Erect or climbing shrubs, rarely trees or herbs, juice often milky. Leaves opposite or whorled, very rarely alternate, simple and entire; stipules wanting. Flowers regular, hermaphrodite, usually in axillary or terminal cymes. Calyx inferior, 4-lobed or -partite; lobes imbricate, often glandular at the base. Corolla gamopetalous, hypogynous, funnel- or salver-shaped; tube often hairy or scaly within; lobes 5, rarely 4, spreading, usually contorted in the bud. Stamens 5, rarely 4, inserted on the tube of the. corolla; filaments short; anthers often sagittate, either free or connate and adhering to the stigma; pollen granular. Ovary superior, usually composed of 2 carpels connate only by their styles, but in one tribe the carpels are wholly combined into a 2-celled ovary with axile placentas or into a 1-celled ovary with 2 parietal placentas; ovules 2 or several or many; style single or separated at the base only, thickened above; stigma entire or 2-fid, often constricted in the middle. Fruit generally of 2 follicles opening along the inner edge, sometimes a drupe or berry. Seeds various, often with a tuft of silky hairs; albumen generally present; embryo straight, radicle usually superior.

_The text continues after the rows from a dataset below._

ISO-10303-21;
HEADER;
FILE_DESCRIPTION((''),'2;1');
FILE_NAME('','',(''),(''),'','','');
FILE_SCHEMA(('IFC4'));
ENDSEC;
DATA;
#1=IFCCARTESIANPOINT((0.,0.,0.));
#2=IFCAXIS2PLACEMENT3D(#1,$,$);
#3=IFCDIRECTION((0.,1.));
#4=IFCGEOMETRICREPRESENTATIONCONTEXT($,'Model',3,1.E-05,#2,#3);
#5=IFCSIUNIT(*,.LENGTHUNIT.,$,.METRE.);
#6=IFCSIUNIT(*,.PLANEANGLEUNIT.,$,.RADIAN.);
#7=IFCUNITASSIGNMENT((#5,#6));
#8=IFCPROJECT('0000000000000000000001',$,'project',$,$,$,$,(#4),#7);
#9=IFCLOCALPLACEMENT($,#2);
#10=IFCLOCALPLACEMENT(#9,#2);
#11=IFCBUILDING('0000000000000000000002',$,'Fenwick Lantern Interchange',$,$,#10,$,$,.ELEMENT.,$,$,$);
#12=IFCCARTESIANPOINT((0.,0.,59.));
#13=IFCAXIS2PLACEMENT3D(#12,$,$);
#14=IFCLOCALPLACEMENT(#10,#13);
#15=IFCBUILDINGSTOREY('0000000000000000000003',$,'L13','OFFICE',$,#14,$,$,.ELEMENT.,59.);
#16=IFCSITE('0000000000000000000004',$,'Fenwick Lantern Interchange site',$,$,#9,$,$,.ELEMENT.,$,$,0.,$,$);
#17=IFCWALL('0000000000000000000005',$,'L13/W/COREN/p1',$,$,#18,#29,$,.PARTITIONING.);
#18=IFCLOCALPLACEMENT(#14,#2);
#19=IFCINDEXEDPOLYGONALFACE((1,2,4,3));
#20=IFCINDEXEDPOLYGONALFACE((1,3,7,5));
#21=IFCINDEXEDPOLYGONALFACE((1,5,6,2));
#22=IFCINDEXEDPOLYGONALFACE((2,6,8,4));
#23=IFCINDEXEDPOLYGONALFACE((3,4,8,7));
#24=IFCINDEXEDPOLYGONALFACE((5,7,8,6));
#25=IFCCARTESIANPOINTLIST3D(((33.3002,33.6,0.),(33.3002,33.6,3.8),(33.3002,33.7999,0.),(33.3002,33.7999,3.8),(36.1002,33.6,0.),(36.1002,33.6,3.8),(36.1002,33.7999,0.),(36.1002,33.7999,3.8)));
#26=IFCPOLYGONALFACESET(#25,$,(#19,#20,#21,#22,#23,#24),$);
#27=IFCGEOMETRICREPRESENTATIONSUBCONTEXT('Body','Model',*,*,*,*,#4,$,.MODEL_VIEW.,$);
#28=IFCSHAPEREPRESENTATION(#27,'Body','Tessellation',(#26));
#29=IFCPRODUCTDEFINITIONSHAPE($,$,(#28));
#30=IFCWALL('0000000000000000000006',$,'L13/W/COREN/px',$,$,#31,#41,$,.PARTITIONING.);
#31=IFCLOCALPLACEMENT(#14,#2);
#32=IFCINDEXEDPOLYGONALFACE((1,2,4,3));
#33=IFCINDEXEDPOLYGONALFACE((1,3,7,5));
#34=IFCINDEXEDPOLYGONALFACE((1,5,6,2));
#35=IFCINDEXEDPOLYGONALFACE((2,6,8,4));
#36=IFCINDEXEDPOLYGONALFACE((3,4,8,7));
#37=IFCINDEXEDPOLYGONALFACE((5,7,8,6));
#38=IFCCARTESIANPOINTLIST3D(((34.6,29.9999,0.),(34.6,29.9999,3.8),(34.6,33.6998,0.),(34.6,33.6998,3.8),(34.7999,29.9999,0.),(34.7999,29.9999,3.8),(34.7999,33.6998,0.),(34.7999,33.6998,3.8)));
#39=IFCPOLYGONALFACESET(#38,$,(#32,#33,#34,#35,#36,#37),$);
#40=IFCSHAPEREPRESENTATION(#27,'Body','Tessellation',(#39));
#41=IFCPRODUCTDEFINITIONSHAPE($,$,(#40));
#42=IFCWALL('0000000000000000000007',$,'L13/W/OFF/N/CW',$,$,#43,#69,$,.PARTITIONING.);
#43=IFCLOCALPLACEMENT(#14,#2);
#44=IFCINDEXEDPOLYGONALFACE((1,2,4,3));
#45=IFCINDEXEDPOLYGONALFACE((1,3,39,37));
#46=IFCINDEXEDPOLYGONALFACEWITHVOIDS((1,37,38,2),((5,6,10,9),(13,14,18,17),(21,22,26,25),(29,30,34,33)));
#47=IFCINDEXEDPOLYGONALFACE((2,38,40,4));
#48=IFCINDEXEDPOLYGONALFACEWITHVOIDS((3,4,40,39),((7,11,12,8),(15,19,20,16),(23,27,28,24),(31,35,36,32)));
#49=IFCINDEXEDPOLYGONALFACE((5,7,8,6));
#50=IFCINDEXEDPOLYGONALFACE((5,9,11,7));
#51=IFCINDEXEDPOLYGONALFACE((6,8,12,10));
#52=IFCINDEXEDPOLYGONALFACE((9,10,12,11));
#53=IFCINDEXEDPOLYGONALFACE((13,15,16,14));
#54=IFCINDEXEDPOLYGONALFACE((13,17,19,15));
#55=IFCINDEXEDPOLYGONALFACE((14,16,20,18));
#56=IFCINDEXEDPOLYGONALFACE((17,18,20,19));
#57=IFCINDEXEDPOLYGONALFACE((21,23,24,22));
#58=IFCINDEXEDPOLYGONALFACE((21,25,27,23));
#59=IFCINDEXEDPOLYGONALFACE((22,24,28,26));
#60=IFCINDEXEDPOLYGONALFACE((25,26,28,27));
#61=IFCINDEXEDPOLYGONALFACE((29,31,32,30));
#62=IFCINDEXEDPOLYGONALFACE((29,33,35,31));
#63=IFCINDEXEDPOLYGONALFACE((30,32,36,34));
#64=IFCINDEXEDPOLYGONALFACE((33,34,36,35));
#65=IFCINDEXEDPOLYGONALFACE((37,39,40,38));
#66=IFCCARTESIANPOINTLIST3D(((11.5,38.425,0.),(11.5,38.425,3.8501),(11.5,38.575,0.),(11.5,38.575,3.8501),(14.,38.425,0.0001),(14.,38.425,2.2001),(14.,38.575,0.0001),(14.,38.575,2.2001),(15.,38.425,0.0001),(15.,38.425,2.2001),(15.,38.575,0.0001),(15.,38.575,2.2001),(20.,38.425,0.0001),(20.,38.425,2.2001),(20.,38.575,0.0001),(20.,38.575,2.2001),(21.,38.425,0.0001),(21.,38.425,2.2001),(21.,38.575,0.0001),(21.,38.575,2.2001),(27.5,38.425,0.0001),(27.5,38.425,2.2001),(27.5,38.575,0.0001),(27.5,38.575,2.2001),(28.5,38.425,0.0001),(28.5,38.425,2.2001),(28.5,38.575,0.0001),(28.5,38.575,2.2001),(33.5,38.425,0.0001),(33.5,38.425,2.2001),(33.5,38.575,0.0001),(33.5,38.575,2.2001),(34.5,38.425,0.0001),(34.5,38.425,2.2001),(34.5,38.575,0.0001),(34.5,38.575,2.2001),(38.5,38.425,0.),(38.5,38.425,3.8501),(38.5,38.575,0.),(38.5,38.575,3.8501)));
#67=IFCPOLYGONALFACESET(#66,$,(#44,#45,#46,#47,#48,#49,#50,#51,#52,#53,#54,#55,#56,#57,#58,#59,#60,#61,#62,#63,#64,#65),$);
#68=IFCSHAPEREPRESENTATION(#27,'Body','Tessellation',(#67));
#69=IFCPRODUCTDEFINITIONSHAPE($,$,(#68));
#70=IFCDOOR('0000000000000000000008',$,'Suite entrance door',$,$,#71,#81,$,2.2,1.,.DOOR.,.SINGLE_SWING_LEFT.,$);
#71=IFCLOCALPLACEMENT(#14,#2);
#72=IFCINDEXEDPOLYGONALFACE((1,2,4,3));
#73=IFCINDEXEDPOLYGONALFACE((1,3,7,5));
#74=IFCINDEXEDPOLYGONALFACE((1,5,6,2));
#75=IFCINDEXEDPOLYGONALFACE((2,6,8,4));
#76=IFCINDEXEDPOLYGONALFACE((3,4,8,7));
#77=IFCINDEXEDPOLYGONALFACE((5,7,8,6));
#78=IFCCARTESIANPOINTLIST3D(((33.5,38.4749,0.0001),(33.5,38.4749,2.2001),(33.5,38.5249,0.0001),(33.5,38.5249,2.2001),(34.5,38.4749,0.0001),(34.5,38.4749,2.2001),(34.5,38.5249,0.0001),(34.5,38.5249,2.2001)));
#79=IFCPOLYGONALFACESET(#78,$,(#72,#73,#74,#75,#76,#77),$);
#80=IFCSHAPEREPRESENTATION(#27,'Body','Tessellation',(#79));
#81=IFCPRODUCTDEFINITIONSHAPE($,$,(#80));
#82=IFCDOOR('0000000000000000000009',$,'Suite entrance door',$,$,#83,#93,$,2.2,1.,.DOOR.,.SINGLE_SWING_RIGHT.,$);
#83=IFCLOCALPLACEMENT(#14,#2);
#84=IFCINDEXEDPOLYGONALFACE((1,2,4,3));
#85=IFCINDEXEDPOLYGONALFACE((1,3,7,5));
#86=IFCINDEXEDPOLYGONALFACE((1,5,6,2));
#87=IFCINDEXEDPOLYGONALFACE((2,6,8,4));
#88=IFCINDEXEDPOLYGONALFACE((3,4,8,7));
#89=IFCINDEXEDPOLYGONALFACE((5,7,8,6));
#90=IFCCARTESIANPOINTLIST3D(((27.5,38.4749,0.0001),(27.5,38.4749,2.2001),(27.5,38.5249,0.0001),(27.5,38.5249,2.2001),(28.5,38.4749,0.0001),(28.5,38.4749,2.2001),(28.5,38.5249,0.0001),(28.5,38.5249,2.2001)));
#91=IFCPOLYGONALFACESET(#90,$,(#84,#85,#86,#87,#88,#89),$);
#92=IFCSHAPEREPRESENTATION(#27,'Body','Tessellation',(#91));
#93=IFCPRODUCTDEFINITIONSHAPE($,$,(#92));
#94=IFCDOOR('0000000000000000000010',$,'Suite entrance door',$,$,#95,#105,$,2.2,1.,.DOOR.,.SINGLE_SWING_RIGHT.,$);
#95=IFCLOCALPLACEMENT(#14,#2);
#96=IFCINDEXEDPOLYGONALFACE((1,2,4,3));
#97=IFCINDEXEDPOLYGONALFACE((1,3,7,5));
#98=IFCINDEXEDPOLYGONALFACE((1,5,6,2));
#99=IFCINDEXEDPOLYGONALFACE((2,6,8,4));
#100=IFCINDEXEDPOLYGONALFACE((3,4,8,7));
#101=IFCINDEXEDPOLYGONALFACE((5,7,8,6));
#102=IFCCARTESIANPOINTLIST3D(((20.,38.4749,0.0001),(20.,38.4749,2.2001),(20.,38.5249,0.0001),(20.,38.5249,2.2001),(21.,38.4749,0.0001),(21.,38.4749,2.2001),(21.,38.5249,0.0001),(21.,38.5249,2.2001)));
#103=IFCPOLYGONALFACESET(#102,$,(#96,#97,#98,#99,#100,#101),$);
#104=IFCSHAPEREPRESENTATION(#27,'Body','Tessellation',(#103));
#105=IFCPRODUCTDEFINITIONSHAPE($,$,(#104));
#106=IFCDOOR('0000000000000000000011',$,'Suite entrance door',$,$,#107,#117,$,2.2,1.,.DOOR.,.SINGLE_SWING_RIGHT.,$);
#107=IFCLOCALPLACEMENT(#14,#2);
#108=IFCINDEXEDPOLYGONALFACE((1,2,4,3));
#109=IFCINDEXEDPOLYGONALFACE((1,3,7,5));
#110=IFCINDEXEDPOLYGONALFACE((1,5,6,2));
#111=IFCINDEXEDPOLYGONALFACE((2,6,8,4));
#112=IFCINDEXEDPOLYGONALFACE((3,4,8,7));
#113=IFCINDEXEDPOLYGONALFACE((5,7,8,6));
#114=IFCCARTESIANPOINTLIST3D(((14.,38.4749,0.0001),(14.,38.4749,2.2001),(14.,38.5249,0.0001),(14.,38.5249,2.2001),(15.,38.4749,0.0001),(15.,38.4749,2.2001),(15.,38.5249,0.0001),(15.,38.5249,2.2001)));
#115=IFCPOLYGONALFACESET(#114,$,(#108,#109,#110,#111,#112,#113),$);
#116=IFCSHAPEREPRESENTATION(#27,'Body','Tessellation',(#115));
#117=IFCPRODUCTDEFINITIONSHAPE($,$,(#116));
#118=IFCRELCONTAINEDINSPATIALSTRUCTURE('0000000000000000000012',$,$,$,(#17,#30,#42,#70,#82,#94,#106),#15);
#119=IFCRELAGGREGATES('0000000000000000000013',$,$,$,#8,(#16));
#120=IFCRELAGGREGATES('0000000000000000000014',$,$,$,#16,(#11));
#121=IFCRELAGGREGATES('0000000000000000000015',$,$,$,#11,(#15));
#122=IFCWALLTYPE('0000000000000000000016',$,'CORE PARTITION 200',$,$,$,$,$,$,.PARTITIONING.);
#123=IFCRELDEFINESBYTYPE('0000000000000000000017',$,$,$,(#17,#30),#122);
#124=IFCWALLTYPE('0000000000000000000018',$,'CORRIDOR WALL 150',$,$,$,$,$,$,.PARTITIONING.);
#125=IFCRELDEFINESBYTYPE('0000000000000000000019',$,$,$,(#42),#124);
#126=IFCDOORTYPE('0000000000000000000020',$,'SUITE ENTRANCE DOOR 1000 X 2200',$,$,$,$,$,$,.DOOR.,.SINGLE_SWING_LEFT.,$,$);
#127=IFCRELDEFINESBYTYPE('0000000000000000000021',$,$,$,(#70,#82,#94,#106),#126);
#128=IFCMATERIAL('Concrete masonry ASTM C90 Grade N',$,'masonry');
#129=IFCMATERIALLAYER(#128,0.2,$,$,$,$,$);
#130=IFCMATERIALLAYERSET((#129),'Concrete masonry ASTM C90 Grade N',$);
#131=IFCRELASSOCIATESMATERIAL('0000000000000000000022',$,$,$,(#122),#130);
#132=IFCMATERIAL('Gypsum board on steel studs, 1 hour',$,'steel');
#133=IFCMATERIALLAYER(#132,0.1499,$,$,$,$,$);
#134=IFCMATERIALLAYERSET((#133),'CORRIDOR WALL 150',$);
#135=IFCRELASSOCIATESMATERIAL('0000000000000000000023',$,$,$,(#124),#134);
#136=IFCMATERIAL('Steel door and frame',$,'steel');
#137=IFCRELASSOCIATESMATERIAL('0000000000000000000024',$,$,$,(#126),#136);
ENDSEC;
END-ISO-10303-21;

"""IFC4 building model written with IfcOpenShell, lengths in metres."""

from ifc_helpers import new_model, si_unit, direction, frame, frame_2d, origin, place, context, subcontext, project, spatial, rectangle, extrude, material, layer, layer_set, type_object, element, fill, save


model = new_model("IFC4")

# Units and contexts
model_context = context("Model", 3, precision=1e-05, world=origin(), true_north=direction((0.0, 1.0)))
body_context = subcontext(model_context, "Body", "Model", "MODEL_VIEW")
ifc_project = project(units=[si_unit("LENGTHUNIT", "METRE"), si_unit("PLANEANGLEUNIT", "RADIAN")], contexts=[model_context])

# Site, building, storey
site_placement = place(None, origin())
site = spatial("IfcSite", under=ifc_project, at=site_placement, Name="Fenwick Lantern Interchange site", CompositionType="ELEMENT", RefElevation=0.0)
building_placement = place(site_placement, origin())
building = spatial("IfcBuilding", under=site, at=building_placement, Name="Fenwick Lantern Interchange", CompositionType="ELEMENT")
storey_placement = place(building_placement, frame((0.0, 0.0, 59.0)))
storey = spatial("IfcBuildingStorey", under=building, at=storey_placement, Name="L13", Description="OFFICE", CompositionType="ELEMENT", Elevation=59.0)

# Walls
ifc_material_1 = material(Name="Concrete masonry ASTM C90 Grade N", Category="masonry")
ifc_layer_1 = layer(ifc_material_1, 0.2)
ifc_layer_set_1 = layer_set([ifc_layer_1], Name="Concrete masonry ASTM C90 Grade N")
wall_type_1 = type_object("IfcWallType", Name="CORE PARTITION 200", PredefinedType="PARTITIONING", material=ifc_layer_set_1)
for number, where, z_axis, x_axis, name in (
    (1, (36.1001, 33.7, 0.0), (0.0, 0.0, 1.0), (-1.0, 0.0, 0.0), "L13/W/COREN/p1"),
):
    element("IfcWall", number, at=place(storey_placement, frame(where, z_axis=z_axis, x_axis=x_axis)), inside=storey, type_object=wall_type_1, Name=name, PredefinedType="PARTITIONING", context=body_context, shape_type="SweptSolid", body=[
        extrude(rectangle(XDim=2.8, YDim=0.2, at=frame_2d((1.3999, 0.0))), origin(), (0.0, 0.0, 1.0), 3.8),
    ])
wall_1_placement = place(storey_placement, frame((34.7, 33.7, 0.0), z_axis=(0.0, 0.0, 1.0), x_axis=(0.0, -1.0, 0.0)))
element("IfcWall", 2, at=wall_1_placement, inside=storey, type_object=wall_type_1, Name="L13/W/COREN/px", PredefinedType="PARTITIONING", context=body_context, shape_type="SweptSolid", body=[
    extrude(rectangle(XDim=3.7, YDim=0.2, at=frame_2d((1.8501, 0.0))), origin(), (0.0, 0.0, 1.0), 3.8),
])
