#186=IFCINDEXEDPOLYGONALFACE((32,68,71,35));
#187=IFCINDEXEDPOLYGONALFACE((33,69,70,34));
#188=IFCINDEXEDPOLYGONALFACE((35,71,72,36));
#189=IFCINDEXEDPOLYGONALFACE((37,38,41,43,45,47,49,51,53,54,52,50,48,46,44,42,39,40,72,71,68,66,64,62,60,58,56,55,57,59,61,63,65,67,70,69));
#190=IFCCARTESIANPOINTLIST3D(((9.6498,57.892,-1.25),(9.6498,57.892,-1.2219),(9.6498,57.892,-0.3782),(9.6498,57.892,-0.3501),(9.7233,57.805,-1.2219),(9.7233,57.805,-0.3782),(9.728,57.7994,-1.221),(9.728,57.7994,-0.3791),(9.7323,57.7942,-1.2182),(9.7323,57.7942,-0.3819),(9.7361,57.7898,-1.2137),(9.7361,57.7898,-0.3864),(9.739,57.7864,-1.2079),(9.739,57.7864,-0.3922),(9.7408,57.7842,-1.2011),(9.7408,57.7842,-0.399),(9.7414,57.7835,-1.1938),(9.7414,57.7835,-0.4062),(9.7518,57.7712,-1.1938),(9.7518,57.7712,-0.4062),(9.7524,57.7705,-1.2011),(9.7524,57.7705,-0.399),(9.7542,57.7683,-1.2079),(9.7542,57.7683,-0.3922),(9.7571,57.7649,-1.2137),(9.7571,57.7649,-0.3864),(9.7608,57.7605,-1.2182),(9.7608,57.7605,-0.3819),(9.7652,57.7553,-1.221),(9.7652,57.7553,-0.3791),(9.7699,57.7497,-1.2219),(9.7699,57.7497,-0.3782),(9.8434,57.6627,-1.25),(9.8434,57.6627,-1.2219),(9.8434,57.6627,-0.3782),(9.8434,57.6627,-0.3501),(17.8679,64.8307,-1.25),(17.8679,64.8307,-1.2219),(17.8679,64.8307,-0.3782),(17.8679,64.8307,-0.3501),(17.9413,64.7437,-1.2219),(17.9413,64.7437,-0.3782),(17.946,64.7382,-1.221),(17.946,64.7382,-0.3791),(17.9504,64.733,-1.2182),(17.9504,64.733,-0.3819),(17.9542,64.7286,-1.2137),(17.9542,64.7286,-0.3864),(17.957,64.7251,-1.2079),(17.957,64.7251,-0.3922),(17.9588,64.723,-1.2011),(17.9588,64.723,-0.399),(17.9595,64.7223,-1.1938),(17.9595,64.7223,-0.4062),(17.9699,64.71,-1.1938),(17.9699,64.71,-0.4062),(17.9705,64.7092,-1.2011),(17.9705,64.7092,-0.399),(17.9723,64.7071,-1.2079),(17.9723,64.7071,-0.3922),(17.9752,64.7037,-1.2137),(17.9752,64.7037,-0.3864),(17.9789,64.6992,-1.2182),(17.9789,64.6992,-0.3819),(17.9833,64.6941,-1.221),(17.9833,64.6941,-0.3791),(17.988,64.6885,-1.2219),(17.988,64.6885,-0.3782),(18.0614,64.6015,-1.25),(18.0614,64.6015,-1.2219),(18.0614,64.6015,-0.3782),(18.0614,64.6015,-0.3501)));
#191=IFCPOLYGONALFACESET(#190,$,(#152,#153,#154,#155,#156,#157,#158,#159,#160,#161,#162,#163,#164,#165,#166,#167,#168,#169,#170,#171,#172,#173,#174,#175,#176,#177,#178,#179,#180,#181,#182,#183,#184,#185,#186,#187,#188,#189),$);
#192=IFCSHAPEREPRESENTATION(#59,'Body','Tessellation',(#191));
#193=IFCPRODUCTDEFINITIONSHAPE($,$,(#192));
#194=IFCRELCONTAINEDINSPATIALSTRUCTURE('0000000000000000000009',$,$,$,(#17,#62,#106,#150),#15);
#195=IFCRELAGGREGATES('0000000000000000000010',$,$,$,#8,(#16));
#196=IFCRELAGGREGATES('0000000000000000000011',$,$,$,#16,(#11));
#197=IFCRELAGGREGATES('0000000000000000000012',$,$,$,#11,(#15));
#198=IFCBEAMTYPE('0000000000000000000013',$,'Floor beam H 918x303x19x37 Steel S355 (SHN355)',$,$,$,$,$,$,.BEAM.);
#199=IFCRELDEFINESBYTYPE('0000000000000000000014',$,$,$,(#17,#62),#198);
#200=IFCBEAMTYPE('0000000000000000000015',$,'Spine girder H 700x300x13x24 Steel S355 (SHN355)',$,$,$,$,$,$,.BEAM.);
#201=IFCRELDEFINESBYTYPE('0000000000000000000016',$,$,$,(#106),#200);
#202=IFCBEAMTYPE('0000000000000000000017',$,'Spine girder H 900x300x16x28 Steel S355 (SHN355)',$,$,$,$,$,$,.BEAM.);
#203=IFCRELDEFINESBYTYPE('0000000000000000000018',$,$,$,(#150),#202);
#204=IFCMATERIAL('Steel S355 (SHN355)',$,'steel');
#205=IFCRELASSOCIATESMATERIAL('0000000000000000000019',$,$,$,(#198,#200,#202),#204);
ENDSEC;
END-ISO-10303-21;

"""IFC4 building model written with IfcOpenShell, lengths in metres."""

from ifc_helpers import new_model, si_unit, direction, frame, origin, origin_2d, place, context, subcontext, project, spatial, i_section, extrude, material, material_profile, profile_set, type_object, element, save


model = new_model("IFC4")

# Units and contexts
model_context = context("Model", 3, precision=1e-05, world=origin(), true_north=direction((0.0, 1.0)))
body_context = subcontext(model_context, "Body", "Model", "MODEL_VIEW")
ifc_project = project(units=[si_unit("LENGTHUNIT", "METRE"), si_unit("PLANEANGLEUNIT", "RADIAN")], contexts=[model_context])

A large order, abundantly represented in the tropics of both hemispheres, less plentiful in extra-tropical warm, regions, and decidedly rare in the temperate zones. Genera about 100; species under 1000. The order includes many poisonous plants, some (as the ordeal-tree of Madagascar, Tanghinia venenifera) being exceedingly virulent. Others are employed medicinally as drastic purgatives or febrifuges. A few species yield indiarubber, but on the whole the family is not of much economic importance. The flowers are often of considerable beauty, and many genera are cultivated in gardens or greenhouses. The single New Zealand genus extends through Australia to India and Ceylon.